The brokerage highlighted several factors contributing to margin improvement for Apollo Tyres:
- Capital Expenditure for Capacity Enhancement: The company allocated ₹500 crore for capital expenditures in the first nine months of fiscal year 2024 to enhance its capacities for future growth. This strategic investment aims to support the company’s expansion plans and improve operational efficiencies.
- Impact of Falling Oil Prices: Despite geopolitical tensions such as the Israel-Hamas conflict and OPEC+ cutting production, oil prices have fallen since October. This trend has continued into February 2024, which is beneficial for tyre manufacturers like Apollo Tyres. Key raw materials such as carbon black, nylon tyre cords, and other chemicals used in tyre manufacturing are derivatives of crude oil. With crude oil prices declining, input costs for these raw materials decrease, contributing to margin expansion.

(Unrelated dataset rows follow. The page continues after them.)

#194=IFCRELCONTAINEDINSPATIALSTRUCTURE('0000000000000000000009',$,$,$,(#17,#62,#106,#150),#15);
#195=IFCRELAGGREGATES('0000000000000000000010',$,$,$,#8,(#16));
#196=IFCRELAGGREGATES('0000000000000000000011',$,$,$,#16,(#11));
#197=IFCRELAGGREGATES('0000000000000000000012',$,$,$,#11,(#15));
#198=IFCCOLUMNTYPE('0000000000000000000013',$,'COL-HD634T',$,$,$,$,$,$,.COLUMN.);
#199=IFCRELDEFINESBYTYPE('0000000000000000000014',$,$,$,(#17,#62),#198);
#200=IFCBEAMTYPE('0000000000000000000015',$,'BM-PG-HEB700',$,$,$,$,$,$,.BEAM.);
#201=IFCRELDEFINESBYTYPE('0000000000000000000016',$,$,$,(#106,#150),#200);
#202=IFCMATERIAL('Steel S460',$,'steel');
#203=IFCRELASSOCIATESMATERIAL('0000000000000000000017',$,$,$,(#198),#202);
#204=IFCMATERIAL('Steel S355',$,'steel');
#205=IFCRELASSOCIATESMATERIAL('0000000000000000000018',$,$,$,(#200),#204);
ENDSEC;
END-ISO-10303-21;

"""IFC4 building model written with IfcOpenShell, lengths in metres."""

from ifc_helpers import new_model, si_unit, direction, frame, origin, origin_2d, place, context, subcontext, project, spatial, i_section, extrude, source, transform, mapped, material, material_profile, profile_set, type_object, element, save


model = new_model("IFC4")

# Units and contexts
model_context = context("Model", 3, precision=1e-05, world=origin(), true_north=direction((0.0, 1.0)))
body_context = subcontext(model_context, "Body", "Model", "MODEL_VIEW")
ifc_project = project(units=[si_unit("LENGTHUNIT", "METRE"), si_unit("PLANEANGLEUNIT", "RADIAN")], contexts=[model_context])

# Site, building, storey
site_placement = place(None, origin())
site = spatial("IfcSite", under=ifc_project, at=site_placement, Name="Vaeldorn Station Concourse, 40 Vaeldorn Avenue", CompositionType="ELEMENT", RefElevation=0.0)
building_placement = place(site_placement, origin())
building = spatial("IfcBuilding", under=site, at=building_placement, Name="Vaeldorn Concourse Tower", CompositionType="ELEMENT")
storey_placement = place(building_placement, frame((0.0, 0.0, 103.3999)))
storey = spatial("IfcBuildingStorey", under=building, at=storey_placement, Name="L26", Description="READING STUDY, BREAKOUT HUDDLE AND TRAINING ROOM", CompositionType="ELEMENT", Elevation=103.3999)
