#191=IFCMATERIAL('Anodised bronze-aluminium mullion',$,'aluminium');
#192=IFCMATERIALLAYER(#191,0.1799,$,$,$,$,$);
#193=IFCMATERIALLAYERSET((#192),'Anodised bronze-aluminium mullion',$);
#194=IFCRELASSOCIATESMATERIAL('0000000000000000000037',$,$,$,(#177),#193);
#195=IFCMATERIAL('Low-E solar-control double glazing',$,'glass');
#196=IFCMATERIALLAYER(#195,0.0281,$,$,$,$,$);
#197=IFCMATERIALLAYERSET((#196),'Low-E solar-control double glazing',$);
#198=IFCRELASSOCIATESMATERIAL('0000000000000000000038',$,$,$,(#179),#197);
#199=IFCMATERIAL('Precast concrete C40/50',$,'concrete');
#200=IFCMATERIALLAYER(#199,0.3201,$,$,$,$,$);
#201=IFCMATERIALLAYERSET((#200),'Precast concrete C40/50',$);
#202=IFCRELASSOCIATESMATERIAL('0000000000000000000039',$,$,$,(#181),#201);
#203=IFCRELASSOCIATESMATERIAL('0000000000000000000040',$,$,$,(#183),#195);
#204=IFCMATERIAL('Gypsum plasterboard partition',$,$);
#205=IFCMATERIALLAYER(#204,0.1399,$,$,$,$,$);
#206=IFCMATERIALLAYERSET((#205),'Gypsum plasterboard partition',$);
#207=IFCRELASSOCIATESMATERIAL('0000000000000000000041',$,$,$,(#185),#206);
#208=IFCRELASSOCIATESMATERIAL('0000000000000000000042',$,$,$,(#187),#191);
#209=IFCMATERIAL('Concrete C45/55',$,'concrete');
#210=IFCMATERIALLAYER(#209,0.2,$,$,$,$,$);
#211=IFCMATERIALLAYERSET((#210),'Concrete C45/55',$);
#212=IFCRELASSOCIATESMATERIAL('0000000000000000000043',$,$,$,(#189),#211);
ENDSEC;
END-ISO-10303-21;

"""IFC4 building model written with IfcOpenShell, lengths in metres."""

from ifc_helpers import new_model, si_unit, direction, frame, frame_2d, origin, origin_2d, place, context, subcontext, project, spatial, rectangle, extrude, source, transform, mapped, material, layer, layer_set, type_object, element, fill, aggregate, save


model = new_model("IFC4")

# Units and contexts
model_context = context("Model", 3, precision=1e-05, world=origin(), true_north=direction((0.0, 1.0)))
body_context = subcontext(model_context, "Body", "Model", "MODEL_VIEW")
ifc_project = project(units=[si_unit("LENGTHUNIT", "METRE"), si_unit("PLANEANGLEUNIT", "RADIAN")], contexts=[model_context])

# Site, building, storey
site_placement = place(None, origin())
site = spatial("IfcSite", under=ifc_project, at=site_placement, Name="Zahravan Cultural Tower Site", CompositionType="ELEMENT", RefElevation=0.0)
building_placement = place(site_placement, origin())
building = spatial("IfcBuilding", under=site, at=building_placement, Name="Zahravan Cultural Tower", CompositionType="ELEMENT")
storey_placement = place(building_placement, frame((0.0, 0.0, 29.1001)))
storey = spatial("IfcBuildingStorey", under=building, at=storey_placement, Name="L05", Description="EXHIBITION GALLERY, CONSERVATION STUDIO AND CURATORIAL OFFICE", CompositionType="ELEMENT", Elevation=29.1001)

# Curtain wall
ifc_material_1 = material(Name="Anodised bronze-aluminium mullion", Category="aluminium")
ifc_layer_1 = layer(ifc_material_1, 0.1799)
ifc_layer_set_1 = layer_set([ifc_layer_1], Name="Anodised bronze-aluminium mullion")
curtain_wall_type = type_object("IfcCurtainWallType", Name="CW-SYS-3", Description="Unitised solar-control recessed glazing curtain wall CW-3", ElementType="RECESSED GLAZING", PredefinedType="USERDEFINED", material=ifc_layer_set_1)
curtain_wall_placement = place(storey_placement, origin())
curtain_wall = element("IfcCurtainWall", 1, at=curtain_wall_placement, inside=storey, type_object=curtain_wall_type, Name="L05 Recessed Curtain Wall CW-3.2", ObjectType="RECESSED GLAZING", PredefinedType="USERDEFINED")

- EBITDA Margin Expansion: The brokerage highlighted that Apollo Tyres witnessed an expansion in its EBITDA margin to 18.3 percent in Q3FY24 from 14.2 percent in Q3FY23. This improvement in operational efficiency and profitability further supports the positive outlook for margin expansion.
These factors collectively contribute to the positive outlook for margin improvement and overall financial performance of Apollo Tyres.

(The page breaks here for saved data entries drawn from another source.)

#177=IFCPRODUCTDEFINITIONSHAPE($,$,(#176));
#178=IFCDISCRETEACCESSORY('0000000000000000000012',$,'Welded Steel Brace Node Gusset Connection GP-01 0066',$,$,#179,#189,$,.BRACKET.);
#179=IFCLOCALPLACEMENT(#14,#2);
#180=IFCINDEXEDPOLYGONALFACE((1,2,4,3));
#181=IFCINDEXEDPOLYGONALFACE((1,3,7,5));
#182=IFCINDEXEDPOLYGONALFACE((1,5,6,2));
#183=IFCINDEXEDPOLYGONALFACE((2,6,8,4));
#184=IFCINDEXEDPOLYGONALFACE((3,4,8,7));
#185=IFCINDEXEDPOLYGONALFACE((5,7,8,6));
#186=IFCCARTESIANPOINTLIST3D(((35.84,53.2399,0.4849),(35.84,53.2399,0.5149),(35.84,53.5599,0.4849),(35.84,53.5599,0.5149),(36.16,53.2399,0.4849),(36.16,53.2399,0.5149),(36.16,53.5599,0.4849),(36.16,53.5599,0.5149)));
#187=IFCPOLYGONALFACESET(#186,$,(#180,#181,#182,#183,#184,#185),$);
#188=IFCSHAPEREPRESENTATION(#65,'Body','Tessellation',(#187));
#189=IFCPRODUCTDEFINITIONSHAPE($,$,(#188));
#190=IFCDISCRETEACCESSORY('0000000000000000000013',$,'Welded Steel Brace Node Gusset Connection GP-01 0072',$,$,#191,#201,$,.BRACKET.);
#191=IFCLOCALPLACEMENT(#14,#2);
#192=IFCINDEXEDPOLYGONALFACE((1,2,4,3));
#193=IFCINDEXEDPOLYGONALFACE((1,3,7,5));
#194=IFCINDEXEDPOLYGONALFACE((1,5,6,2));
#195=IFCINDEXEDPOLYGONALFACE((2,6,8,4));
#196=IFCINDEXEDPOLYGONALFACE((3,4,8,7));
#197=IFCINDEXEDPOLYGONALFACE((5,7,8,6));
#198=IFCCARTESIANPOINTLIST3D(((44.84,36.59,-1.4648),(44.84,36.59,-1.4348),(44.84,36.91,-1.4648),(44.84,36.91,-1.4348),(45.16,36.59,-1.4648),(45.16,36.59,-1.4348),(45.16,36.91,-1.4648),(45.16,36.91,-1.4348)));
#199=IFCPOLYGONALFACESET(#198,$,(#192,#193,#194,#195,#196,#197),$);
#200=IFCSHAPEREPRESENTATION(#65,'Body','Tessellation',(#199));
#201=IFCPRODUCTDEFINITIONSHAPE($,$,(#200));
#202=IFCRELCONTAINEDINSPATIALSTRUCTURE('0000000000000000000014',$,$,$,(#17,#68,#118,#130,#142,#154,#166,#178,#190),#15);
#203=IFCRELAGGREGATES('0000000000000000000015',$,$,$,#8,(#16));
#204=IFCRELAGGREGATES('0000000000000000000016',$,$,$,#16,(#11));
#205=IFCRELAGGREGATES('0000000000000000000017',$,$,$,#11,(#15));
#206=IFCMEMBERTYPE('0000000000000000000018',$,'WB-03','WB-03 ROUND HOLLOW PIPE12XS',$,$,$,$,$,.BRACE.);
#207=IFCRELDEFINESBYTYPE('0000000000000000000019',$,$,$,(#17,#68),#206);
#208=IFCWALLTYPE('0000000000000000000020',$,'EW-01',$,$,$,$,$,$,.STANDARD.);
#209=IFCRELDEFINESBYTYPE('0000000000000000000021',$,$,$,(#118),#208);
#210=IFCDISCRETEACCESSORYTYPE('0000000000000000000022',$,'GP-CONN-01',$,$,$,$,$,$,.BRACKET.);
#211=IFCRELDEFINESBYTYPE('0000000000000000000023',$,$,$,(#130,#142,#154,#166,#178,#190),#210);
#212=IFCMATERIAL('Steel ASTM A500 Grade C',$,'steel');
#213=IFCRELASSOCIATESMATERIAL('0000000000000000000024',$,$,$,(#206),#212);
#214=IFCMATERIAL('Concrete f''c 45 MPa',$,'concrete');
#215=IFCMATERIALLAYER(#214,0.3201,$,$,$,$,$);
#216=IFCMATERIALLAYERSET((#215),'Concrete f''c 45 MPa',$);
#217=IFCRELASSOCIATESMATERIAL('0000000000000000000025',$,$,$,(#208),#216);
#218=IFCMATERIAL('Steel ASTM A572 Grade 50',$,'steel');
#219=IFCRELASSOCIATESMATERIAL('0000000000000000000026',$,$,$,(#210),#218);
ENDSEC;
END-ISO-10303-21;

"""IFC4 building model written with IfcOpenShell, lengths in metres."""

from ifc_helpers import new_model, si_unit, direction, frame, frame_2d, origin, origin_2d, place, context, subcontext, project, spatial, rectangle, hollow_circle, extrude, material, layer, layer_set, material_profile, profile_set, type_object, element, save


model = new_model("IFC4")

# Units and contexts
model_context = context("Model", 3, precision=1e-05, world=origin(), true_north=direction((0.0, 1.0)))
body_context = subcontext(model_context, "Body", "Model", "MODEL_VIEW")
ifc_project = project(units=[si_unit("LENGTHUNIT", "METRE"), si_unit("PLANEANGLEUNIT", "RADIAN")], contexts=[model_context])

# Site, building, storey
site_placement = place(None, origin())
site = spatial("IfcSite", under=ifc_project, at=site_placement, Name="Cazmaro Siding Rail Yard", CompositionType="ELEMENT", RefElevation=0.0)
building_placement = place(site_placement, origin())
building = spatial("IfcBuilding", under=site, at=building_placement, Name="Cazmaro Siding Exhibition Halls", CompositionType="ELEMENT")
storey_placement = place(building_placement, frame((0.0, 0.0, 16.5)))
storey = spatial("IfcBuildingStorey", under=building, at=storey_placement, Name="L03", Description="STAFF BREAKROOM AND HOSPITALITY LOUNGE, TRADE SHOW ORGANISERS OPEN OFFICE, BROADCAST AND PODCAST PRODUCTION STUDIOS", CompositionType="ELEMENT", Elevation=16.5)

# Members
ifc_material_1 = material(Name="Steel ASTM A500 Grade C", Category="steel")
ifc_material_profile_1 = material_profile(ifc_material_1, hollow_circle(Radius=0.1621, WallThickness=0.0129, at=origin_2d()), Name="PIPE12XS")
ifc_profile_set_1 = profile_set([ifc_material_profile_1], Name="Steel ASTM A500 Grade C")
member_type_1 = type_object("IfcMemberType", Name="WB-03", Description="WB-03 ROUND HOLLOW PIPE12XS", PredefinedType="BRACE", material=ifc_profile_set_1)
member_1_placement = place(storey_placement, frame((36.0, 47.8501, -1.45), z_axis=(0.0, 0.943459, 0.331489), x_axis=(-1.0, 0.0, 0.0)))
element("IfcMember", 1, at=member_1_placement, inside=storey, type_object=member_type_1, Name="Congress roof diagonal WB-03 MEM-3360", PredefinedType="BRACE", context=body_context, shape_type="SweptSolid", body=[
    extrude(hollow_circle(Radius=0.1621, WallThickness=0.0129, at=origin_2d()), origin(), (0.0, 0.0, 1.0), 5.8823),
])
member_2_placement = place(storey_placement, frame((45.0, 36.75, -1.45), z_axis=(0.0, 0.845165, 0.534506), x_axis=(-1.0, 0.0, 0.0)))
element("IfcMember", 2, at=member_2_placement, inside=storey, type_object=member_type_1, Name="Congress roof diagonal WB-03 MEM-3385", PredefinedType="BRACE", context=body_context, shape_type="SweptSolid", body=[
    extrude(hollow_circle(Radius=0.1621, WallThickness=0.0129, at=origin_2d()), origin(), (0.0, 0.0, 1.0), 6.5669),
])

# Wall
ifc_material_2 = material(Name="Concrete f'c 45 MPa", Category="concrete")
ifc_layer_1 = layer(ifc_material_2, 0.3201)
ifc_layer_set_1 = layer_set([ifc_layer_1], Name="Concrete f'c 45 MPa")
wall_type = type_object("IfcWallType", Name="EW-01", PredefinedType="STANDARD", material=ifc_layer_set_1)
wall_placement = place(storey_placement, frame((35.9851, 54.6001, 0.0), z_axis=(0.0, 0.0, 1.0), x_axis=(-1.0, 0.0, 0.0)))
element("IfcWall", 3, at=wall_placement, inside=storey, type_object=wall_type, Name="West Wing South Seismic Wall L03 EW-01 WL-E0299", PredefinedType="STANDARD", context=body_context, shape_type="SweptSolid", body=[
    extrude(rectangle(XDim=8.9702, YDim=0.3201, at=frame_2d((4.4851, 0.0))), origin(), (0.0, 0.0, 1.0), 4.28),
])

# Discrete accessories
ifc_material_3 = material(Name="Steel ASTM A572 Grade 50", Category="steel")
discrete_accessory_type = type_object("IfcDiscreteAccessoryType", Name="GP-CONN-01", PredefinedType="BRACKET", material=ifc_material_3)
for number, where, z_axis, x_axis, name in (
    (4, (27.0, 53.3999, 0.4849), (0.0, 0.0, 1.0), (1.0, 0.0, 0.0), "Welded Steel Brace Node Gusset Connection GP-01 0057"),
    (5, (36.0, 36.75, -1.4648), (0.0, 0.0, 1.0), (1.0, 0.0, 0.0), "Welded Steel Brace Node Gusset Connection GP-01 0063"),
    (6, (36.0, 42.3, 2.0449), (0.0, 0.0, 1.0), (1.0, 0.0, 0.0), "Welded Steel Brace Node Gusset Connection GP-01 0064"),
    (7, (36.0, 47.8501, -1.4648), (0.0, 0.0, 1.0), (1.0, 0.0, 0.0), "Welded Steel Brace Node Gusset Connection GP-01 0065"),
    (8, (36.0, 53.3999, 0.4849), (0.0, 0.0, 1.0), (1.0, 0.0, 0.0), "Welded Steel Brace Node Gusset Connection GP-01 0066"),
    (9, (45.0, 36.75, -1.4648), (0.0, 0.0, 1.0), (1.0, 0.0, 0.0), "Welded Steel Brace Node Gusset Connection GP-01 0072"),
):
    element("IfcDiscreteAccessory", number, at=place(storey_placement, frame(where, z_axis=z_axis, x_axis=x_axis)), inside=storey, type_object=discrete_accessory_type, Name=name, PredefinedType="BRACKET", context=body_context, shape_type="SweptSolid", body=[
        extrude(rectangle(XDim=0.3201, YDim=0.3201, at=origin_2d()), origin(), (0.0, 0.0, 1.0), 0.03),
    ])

Reducing Debt and Attractive Valuations:
Markets Mojo highlighted Apollo Tyres’ efforts to reduce debt through internally generated cash flows. In 9MFY24, the company generated a free cash flow of ₹1,600 crore, a significant increase from ₹600 crore in FY23. The company’s net debt has also decreased from ₹4,300 crore in March 2023 to ₹3,000 crore in December 2023. This reduction in debt is expected to improve the bottom line in the coming quarters, as the company focuses on profitability and enhancing profit ratios.
In terms of valuations, Apollo Tyres is trading attractively with a price-to-earnings (PE) ratio of 18x and a market capitalization-to-sales ratio of 1.3x, indicating undervaluation relative to the company’s margins. Additionally, the enterprise value-to-EBITDA (EV/EBITDA) ratio of 8.22 is considered undervalued, according to the brokerage. These factors collectively highlight the company’s strong fundamentals and potential for future growth.
Disclaimer: The views and recommendations presented above are the opinions of individual analysts or broking companies, and do not represent those of Bystox. Investors are advised to conduct their own research and consult certified financial experts before making any investment decisions.